Pero también hubo otros rumores: algunas personas decían que Thomas Fineman, el presidente de la ASD, sabía con antelación lo que iba a suceder y que incluso había permitido que pasara. Luego, dos semanas más tarde, fue asesinado.

No sé qué creer. Me duele el pecho por una emoción que no recuerdo cómo se nombra.

—Me caía bien el señor Hargrove —dice Cassandra—. Yo le daba pena.

Sabía cómo era su hijo. Me visitaba de vez en cuando, después de que Fred me hiciera encerrar, gracias a que consiguió gente que testificó que yo era una lunática. Amigos. Médicos. Me internaron en este sitio de por vida —señala el pequeño cuarto blanco, su tumba—. Pero el señor Hargrove sabía que no estaba loca. Me contaba historias del mundo exterior. Les buscó a mi madre y a mi padre un sitio donde vivir en Deering Highlands. Fred también quería silenciarlos a ellos. Debe haber pensado que yo les había contado que… Debe haber pensado que ellos sabían lo que yo sabía —mueve la cabeza—. Pero yo no se lo conté. Ellos no sabían nada.

Así que los padres de Cassie se vieron forzados a vivir en Highlands, como la familia de Lena.

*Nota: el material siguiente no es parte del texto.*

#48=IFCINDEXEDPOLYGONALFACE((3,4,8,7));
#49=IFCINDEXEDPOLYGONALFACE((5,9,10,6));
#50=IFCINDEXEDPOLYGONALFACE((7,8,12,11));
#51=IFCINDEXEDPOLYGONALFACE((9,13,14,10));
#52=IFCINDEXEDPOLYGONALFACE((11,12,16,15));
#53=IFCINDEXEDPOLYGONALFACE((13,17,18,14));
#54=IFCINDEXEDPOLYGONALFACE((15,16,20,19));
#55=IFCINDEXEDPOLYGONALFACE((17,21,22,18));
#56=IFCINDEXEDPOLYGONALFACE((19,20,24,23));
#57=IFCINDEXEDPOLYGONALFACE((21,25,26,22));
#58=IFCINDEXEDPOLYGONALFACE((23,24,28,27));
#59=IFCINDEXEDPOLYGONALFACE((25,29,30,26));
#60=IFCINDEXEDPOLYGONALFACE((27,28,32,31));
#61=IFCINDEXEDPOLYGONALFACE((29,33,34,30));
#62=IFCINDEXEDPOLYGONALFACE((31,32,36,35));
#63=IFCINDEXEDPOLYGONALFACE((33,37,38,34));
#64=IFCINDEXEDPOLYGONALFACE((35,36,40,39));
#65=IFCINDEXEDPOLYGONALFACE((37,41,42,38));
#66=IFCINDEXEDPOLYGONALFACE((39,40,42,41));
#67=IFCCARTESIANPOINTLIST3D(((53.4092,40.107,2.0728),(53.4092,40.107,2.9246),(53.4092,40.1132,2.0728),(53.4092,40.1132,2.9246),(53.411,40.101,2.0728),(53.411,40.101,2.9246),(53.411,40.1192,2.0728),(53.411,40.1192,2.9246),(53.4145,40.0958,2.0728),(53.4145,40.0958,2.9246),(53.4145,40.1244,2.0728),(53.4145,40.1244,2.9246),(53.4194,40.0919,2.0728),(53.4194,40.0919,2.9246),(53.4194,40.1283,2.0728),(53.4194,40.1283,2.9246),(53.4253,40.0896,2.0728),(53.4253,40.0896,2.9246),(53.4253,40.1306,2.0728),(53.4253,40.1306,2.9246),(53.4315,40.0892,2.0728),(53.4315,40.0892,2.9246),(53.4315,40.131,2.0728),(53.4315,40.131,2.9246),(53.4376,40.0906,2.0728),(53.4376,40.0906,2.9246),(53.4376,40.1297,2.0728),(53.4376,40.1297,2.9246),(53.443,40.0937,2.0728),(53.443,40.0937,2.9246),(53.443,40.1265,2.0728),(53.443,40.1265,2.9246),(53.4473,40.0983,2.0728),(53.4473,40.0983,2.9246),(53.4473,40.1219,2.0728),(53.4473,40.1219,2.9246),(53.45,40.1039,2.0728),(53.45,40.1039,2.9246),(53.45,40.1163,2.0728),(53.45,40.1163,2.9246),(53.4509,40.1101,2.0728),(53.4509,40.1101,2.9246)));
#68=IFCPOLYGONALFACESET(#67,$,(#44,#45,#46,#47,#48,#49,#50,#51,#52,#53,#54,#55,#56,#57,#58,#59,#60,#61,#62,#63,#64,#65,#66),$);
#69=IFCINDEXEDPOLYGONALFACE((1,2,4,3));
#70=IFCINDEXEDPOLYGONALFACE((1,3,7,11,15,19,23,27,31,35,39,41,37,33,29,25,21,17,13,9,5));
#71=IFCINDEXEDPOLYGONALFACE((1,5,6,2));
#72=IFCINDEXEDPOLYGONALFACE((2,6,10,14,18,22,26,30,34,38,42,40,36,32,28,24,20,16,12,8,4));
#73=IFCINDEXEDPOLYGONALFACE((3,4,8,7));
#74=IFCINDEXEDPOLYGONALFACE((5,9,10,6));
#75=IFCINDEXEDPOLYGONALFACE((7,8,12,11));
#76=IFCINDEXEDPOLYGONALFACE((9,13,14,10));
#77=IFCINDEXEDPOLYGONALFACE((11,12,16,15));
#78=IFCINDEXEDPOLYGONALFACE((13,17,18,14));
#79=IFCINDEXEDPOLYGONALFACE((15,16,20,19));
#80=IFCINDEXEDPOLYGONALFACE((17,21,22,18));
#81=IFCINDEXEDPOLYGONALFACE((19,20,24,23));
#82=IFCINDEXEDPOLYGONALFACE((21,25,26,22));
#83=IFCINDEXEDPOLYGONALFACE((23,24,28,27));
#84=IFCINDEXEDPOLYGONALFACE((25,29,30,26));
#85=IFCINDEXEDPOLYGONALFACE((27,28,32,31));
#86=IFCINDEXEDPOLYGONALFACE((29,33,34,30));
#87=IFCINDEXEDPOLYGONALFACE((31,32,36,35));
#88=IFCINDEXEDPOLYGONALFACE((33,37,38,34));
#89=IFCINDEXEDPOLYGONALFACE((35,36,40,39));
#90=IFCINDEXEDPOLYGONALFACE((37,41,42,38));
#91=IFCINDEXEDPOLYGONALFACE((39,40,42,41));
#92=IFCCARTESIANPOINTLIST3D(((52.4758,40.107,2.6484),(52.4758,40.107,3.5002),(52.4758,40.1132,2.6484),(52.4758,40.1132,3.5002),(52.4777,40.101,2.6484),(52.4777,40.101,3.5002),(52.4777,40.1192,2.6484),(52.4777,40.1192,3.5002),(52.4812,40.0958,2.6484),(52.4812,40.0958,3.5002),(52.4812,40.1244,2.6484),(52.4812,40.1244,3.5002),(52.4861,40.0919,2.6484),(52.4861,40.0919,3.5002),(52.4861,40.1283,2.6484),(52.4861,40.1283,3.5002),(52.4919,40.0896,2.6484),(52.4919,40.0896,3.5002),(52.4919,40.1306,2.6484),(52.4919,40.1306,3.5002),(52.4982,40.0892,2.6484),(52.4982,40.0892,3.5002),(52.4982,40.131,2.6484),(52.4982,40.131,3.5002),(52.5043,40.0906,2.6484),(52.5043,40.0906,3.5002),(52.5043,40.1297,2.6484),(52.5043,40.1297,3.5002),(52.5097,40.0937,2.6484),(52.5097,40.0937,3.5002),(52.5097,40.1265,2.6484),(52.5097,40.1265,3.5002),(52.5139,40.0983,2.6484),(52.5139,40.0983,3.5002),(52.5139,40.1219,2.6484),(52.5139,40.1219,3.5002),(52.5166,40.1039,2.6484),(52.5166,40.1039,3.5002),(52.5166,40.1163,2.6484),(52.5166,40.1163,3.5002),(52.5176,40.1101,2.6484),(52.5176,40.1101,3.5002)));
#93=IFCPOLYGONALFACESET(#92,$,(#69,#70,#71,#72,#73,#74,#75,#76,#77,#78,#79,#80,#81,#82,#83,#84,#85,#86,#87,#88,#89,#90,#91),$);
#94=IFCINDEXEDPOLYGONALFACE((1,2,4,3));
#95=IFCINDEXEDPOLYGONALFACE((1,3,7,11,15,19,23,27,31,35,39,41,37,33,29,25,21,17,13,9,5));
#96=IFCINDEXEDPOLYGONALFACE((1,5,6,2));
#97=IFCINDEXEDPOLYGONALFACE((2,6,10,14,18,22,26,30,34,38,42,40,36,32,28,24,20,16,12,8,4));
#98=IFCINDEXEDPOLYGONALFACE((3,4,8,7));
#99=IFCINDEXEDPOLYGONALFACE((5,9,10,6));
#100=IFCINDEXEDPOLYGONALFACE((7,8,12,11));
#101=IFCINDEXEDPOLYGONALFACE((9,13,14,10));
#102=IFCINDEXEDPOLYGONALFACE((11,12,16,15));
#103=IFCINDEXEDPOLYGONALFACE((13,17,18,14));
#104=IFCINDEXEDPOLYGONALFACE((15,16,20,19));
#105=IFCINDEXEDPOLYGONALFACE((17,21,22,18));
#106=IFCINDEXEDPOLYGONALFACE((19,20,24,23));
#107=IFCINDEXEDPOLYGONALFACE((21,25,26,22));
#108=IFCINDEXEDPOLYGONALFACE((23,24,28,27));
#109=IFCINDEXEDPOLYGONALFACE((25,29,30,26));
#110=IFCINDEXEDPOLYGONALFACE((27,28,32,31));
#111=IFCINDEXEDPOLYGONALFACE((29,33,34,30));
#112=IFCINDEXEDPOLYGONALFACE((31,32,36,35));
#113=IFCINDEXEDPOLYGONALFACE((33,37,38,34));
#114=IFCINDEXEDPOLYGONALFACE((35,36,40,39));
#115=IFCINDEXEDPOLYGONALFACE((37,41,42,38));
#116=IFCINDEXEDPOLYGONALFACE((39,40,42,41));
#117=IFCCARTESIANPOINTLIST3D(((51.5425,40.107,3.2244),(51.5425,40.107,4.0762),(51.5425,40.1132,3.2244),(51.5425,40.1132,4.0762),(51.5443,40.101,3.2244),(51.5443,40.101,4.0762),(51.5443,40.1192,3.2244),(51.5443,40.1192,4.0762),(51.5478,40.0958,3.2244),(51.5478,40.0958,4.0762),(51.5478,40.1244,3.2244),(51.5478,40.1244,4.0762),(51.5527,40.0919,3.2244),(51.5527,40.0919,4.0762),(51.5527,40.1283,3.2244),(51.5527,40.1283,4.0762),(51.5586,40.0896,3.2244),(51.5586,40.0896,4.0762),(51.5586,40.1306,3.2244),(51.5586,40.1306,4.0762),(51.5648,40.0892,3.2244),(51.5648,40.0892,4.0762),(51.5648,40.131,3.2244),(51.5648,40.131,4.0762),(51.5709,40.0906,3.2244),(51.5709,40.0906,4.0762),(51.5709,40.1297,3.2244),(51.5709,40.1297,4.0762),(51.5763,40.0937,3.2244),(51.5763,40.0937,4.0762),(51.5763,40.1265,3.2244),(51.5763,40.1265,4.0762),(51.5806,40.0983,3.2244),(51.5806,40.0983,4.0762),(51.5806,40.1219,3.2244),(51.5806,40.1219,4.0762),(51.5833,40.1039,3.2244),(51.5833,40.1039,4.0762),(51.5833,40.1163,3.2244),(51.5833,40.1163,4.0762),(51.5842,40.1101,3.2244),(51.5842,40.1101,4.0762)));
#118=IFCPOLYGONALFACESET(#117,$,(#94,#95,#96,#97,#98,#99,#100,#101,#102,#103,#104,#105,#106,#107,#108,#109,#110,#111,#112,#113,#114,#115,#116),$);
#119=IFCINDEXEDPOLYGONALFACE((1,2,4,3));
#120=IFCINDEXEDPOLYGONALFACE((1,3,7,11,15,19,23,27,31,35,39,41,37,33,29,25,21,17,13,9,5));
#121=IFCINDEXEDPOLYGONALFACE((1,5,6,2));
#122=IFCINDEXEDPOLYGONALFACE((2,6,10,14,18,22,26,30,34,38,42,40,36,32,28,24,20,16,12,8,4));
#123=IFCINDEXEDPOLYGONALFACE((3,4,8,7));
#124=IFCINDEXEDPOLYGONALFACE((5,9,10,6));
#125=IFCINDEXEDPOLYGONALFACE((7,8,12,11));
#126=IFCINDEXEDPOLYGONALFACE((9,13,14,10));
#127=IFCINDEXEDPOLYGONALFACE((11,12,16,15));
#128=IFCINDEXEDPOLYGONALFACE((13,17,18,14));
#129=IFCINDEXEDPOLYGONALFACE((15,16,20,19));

—Lo siento —digo. Es lo único que se me ocurre, aunque sé lo endeble que suena.

Ella no parece oírme.

—Ese día, cuando explotaron las bombas, el señor Hargrove había venido de visita. Me trajo chocolate —se vuelve hacia la ventana. Me pregunto en qué pensará, está de nuevo completamente quieta, su perfil dibujado con la escasa luz solar—. He oído que murió intentando restaurar el orden. Entonces me sentí triste por él. Es raro, ¿verdad? Pero supongo que al final Fred consiguió acabar con los dos.

—¡Aquí estoy! ¡Más vale tarde que nunca!

La voz de Jan hace que me sobresalte. Me doy la vuelta: entra por la puerta trayendo una bandeja de plástico con un pequeño vaso de plástico con agua y un pequeño cuenco de plástico con una papilla grumosa de avena. Me hago a un lado mientras deposita la bandeja en el catre. Noto que los cubiertos son de plástico también. Claro, no puede haber metal. Ni cuchillos tampoco.

Me acuerdo del hombre que se colgó con los cordones de los zapatos, cierro los ojos y en vez de eso pienso en la bahía. La imagen se quiebra en las olas. Vuelvo a abrirlos.

—Bueno, ¿qué te parece? —dice Jan alegremente—. ¿Quieres comer ahora?

—La verdad es que creo que voy a esperar —dice con voz suave Cassie. Sus ojos siguen dirigidos al exterior de la ventana—. Se me ha pasado el hambre.

Jan me mira y pone los ojos en blanco como diciendo: Majaretas.